Es por eso que una mayoría de los estadounidenses y los neoyorquinos se opone a la Casa Córdoba. Cerca de un centenar de mezquitas funcionaban antes del 11-S en Manhattan y lo siguieron haciendo después con plena normalidad y sin provocar ninguna protesta. Pero este proyecto en particular ha levantado ampollas entre las víctimas y sus compatriotas. "Nadie que haya vivido la historia del 11-S y sentido el aguijón de la pérdida para nuestro país de aquel día puede creer sinceramente que someter a nuestras familias a más dolor pueda suponer un acto de paz", ha declarado Debra Burlingame, víctima del 11-S, mujer del piloto del avión que estrellaron contra el Pentágono.

Burlingame saltó a la fama como portavoz de la oposición de las víctimas a la construcción de un museo en la Zona Cero, financiado entre otros por George Soros, en el que se "contextualizaba" el ataque con referencias a la política exterior norteamericana y el viejo y falso eslogan progresista de enlazar pobreza y terrorismo.
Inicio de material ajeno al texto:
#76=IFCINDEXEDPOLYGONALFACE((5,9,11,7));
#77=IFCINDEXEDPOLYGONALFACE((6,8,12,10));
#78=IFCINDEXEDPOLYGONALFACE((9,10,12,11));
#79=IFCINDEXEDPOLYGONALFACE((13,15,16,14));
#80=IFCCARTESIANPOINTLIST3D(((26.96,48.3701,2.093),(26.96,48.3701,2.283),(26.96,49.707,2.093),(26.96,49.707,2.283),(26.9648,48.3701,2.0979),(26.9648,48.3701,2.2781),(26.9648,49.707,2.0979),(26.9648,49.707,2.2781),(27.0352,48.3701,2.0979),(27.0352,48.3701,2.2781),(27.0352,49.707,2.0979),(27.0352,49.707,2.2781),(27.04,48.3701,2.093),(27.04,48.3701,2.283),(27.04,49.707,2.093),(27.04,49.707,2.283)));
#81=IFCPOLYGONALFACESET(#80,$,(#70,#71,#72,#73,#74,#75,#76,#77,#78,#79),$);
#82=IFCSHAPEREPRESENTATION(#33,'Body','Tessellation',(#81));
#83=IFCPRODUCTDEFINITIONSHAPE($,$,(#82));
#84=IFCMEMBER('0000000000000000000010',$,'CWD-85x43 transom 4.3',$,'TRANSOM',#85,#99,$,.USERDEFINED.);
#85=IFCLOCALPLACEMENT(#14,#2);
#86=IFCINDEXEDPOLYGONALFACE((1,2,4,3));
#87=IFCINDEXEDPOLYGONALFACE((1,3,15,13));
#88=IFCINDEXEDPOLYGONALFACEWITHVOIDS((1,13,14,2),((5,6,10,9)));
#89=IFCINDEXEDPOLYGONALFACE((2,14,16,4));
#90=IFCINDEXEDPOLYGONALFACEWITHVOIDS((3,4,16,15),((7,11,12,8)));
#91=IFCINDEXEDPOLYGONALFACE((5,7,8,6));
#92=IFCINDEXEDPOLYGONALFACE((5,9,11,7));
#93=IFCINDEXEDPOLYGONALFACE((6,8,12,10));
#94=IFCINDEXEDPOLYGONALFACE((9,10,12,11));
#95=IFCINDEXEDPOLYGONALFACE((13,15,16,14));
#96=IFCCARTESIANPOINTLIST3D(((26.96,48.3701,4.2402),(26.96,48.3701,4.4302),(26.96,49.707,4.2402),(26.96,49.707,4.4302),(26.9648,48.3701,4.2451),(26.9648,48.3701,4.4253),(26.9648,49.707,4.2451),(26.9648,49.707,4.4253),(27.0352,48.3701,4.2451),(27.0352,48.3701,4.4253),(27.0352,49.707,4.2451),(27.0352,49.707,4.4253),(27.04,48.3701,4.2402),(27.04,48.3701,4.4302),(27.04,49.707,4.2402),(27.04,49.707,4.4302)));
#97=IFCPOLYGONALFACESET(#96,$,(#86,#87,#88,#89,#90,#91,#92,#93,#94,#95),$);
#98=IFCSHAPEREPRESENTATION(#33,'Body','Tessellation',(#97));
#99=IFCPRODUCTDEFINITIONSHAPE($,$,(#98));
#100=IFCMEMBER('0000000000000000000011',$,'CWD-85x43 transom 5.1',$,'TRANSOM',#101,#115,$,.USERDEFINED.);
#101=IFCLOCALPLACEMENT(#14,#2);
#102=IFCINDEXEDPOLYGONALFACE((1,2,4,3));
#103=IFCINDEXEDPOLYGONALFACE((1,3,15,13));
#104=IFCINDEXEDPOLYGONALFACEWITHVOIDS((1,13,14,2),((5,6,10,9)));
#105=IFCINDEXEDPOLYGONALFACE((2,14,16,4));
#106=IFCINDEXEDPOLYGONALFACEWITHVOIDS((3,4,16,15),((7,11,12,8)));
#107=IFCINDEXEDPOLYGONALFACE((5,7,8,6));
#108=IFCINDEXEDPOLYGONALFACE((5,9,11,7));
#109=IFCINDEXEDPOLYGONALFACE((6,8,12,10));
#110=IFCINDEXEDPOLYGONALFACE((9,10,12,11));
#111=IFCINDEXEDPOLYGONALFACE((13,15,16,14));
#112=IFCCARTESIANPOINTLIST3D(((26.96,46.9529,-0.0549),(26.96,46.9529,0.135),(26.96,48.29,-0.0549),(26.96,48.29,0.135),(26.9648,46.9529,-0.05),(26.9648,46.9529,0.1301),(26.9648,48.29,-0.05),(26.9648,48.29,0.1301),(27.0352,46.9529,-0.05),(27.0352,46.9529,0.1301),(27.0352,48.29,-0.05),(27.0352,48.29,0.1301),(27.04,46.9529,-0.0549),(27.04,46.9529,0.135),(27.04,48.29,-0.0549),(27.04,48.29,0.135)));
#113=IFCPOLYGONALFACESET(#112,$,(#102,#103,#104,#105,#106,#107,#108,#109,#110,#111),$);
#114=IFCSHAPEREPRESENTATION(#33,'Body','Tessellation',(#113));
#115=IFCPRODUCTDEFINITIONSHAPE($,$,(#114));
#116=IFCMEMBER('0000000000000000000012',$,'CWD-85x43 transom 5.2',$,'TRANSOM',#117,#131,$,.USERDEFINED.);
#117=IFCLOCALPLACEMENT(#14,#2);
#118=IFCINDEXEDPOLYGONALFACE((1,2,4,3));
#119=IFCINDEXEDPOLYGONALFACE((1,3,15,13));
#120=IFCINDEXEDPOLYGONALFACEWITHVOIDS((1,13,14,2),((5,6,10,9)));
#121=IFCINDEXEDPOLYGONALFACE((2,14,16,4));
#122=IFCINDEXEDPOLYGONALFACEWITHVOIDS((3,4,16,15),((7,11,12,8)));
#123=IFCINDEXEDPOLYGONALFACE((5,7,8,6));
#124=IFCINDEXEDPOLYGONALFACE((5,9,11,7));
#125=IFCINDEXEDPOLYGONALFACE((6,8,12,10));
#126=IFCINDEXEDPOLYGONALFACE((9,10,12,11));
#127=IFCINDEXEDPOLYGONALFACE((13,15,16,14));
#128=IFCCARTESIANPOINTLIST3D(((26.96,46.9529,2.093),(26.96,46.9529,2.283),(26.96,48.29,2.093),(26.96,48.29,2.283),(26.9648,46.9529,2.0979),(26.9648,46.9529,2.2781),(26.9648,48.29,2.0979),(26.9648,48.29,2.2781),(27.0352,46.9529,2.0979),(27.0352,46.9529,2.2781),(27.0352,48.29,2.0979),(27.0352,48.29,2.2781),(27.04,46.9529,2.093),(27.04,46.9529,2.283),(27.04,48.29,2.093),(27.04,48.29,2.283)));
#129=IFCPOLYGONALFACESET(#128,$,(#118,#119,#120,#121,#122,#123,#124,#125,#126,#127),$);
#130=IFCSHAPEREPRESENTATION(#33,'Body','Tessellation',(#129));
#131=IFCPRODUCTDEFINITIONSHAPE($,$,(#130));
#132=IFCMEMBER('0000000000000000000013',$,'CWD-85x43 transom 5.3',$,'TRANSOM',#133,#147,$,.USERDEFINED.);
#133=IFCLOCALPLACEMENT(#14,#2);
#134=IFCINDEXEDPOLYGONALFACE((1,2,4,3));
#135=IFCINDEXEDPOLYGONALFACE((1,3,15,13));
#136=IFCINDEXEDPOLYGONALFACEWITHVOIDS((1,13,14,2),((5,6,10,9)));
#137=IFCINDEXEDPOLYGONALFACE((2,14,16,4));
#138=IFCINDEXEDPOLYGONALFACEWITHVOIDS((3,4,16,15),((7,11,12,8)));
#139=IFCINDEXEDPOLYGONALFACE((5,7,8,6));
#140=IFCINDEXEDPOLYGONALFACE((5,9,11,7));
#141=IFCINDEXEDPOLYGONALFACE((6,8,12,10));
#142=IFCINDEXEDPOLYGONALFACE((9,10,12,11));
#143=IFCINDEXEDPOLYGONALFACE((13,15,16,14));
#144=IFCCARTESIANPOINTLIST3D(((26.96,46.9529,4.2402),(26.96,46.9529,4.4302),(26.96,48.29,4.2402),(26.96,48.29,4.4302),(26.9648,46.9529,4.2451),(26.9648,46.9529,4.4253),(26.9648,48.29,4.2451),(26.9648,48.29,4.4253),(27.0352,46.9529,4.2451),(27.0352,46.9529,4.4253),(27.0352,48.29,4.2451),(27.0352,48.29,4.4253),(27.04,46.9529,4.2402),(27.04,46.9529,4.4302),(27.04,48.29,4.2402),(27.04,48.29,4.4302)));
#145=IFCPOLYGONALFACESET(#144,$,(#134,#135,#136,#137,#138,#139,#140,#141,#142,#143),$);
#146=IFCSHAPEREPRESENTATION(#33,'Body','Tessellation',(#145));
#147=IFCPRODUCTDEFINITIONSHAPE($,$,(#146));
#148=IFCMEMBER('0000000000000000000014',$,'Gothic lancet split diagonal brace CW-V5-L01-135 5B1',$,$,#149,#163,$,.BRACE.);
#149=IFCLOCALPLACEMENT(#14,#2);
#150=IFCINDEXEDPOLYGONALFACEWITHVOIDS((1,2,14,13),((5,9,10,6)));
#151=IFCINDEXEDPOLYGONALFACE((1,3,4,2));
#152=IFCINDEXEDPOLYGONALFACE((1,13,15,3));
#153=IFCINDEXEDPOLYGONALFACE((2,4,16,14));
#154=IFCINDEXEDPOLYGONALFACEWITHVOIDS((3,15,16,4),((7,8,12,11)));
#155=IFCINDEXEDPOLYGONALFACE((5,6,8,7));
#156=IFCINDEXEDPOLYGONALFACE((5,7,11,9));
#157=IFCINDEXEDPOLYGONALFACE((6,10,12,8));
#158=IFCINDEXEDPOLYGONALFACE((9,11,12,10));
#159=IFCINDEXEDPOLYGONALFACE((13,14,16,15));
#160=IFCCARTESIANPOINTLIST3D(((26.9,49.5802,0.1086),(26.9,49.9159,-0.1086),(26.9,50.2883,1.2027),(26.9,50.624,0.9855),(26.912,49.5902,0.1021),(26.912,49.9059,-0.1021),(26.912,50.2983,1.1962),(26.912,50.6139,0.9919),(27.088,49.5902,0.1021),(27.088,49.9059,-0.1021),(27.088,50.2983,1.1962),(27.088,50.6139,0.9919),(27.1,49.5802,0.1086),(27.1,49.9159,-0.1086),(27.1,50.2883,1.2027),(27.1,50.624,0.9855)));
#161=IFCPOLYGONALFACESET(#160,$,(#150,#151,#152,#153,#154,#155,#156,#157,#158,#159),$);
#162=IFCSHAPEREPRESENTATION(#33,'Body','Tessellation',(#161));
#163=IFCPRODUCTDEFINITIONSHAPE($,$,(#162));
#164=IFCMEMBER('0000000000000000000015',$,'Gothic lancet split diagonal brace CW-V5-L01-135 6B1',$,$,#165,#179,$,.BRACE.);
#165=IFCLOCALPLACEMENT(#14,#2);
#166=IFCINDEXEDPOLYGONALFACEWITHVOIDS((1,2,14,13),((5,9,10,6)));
Como la responsabilidad sobre el antiguo emplazamiento de las Torres Gemelas era pública, el gobernador del estado pudo prohibir el museo. No es el caso, y aunque ha habido peticiones de convertir el edificio que se derruirá en un monumento público han fracasado, y con razón, porque no lo es.

Muchos temen que edificar la Casa Córdoba tan cerca de la Zona Cero se convierta en un símbolo para los islamistas, un acicate para seguir con su lucha. Pero es un peligro hipotético, y quizá no muy realista. Sin embargo, lo que sí es una realidad innegable es que para las víctimas esta mezquita supone un sacrilegio que viola el suelo sagrado en el que mataron a los suyos. Y que tienen la sensación de que en Estados Unidos se respeta más el derecho de los musulmanes a rezar donde quieran que el suyo a honrar a sus muertos ahí donde cayeron.
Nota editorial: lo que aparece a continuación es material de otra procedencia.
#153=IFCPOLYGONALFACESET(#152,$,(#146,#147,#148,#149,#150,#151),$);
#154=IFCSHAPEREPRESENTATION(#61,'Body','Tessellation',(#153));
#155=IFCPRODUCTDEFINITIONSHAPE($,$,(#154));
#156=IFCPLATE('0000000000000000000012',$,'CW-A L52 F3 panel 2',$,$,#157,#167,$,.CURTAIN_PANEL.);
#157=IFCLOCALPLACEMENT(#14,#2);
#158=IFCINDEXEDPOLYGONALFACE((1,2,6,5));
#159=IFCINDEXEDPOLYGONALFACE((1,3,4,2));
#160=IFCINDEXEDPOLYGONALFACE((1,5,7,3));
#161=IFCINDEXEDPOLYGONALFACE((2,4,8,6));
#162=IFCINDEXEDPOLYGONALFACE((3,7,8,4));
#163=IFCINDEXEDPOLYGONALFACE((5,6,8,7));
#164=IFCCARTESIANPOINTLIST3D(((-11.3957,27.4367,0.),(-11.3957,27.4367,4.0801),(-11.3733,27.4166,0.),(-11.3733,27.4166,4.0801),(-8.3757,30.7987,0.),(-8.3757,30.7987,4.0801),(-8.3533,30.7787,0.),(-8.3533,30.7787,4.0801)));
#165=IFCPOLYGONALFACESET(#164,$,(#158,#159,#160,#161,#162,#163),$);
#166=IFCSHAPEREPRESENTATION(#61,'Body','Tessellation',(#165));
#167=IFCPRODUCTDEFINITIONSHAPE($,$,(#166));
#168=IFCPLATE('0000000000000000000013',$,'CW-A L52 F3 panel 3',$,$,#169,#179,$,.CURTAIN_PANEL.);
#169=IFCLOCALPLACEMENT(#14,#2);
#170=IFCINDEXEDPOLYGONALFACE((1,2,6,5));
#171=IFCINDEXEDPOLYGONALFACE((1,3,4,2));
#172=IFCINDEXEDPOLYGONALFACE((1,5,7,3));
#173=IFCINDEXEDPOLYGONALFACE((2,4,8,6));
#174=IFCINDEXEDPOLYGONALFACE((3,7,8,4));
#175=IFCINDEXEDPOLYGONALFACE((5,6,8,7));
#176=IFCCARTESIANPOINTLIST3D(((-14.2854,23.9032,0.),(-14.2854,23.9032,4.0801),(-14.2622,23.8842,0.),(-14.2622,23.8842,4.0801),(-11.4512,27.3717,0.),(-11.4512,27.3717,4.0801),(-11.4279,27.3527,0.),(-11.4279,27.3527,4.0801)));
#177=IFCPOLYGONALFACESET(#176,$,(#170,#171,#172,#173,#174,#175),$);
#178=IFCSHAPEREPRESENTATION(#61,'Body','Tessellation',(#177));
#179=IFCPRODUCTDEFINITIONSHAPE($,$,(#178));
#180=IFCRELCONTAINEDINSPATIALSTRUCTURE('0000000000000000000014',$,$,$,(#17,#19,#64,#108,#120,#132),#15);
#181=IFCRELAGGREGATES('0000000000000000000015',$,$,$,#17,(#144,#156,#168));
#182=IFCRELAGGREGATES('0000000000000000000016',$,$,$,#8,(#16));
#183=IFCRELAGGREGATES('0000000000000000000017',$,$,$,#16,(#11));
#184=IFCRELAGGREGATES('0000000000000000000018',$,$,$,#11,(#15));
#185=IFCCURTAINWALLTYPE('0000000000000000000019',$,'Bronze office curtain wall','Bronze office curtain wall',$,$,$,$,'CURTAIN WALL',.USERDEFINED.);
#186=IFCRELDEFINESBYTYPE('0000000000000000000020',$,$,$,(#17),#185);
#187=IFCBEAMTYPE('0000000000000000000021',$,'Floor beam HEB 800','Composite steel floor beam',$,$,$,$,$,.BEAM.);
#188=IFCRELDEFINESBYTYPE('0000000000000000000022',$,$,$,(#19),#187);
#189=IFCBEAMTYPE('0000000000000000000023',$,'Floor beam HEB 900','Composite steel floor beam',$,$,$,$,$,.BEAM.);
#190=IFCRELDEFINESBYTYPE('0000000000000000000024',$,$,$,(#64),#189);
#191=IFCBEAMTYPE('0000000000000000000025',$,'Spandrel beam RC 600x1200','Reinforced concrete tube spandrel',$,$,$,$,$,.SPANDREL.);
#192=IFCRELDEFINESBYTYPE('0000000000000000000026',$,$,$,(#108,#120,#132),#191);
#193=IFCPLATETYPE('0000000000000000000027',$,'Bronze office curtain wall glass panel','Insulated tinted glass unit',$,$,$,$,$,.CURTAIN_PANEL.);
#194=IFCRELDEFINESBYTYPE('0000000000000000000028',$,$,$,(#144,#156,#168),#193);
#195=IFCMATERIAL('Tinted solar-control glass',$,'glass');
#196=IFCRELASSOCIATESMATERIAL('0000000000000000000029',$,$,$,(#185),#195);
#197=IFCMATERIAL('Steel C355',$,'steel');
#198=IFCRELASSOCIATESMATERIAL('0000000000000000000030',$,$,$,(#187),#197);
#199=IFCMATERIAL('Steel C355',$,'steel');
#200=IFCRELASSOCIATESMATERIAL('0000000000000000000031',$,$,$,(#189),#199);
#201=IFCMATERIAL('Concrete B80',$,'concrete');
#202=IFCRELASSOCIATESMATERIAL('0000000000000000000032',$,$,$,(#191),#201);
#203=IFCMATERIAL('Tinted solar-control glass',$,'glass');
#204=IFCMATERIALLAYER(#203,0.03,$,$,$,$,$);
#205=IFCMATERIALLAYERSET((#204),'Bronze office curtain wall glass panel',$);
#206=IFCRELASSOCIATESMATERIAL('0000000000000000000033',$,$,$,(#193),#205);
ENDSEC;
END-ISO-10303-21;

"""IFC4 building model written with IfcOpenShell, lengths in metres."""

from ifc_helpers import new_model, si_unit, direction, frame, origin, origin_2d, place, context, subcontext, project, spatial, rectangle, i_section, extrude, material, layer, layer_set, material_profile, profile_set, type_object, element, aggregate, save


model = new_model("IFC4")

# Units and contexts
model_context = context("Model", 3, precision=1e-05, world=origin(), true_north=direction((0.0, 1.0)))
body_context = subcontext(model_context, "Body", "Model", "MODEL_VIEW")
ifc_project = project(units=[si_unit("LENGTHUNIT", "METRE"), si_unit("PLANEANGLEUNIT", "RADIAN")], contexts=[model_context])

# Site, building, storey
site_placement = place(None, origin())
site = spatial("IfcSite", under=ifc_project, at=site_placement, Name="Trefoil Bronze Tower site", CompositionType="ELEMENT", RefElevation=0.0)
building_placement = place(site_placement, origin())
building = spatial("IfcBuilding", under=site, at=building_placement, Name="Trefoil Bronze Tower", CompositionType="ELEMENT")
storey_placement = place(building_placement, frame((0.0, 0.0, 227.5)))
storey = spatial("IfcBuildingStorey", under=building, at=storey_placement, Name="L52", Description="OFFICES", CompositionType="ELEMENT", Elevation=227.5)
Es probable que las palabras de Obama sobre este asunto no sean más que política de la mala, la de quien dice sin decir y se niega a tomar postura. Pero sirven para recordarnos la gran diferencia entre ley y moral; que no todo lo que está permitido es bueno, y que tener derecho a algo no significa que debamos hacerlo. Si el imán Feisal Abdul Rauf, promotor de Casa Córdoba, logra entender esta diferencia y acepta la oferta de trasladarla, habrá cumplido de verdad con su publicitado objetivo de tender puentes.

Obama, en la zona cero de la verdad por Arcadi Espada


La matización que parece haber hecho Obama de su apoyo inicial al proyecto de construir una mezquita cerca de la Zona Cero. Una matización muy peligrosa. Si no se acepta que el Islam pueda rezar allí, es que se considera que el Islam es responsable de lo que sucedió allí. Es lo que opinan algunas víctimas: «La construcción de la mezquita es una provocación». Este es uno de esos momentos interesantes para un político. Hasta que la realidad le cuadra, el político puede ir contemporizando. Es decir, puede ir pasando la maroma mientras insiste en la obligación de distinguir entre el islam y sus lecturas torcidas e incluso especula con la auténtica responsabilidad que la religión pueda tener en determinados crímenes. Pero de repente sucede algo como esto: un grupo de musulmanes quiere deshacer definitivamente cualquier vinculación entre la fe y la matanza y para ello propone construir un lugar de culto entre las cenizas. La contemporización se ha acabado. El político se enfrenta a una obligación rara: la de probar que antes hablaba en serio. Y obviamente, y sobre todo con mucha seriedad, lo desmiente.